# Comparing Fidelity & a Fiduciary



## jtwanabe (Mar 1, 2017)

I spoke with a money management company that is also a fiduciary. Could someone tell
me the practical difference I could expect or would experience if I used the fiduciary verses
Fidelity?

Thanks


----------



## mathjak107 (Mar 2, 2017)

fidelity is a financial supermarket . their responsibility is dependant on the services if any you use or whether you do your own investing


----------



## Knight (Mar 2, 2017)

jtwanabe said:


> I spoke with a money management company that is also a fiduciary. Could someone tell
> me the practical difference I could expect or would experience if I used the fiduciary verses
> Fidelity?
> 
> Thanks



You didn't mention if you had done any research into responsibility of a fiduciary.
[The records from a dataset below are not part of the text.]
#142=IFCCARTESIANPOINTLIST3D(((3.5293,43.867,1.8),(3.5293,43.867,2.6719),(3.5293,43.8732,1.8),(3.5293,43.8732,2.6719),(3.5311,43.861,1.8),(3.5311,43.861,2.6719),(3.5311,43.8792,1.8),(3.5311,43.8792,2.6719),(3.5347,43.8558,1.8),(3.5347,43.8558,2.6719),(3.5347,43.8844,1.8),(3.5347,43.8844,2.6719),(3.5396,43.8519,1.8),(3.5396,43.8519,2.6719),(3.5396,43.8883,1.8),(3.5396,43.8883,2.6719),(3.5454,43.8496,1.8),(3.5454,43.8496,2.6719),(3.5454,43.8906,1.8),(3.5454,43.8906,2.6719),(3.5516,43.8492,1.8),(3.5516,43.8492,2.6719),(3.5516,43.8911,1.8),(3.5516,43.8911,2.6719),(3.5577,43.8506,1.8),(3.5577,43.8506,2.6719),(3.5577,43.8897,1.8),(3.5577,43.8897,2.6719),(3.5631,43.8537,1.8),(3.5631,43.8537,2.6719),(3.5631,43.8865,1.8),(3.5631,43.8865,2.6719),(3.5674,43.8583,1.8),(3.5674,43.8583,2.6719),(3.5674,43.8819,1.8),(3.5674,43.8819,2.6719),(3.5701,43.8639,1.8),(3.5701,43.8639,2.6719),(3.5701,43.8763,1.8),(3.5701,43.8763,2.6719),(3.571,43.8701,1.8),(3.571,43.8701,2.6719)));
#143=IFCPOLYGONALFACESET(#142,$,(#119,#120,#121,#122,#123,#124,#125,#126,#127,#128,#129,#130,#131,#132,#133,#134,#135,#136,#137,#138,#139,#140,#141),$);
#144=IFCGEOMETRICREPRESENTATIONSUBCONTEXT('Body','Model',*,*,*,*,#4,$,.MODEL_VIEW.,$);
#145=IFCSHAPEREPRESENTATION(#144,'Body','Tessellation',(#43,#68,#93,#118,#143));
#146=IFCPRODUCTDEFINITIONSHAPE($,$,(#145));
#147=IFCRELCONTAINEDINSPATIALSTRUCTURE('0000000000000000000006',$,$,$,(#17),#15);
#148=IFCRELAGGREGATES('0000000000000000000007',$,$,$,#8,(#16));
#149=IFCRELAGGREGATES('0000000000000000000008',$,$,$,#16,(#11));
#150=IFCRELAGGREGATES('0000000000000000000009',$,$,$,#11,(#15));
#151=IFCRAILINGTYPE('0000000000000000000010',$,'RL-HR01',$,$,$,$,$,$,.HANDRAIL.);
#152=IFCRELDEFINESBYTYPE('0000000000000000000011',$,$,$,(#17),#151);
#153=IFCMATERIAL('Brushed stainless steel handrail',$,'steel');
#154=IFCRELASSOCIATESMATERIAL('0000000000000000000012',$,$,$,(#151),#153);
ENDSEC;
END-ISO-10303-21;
Just in case you haven't this web site does a pretty decnet job of explaining.
http://www.investopedia.com/terms/f/fiduciary.asp

When it comes to money management this web site outlines the top 50 to research for you to be comfortable with as a choice.
http://www.cnbc.com/2015/09/15/cnbc-ranks-the-top-50-money-management-firms-of-2015.html

It's all about taking time to research so that you are comfortable with the choice you make. What works for someone else may not work for you.


----------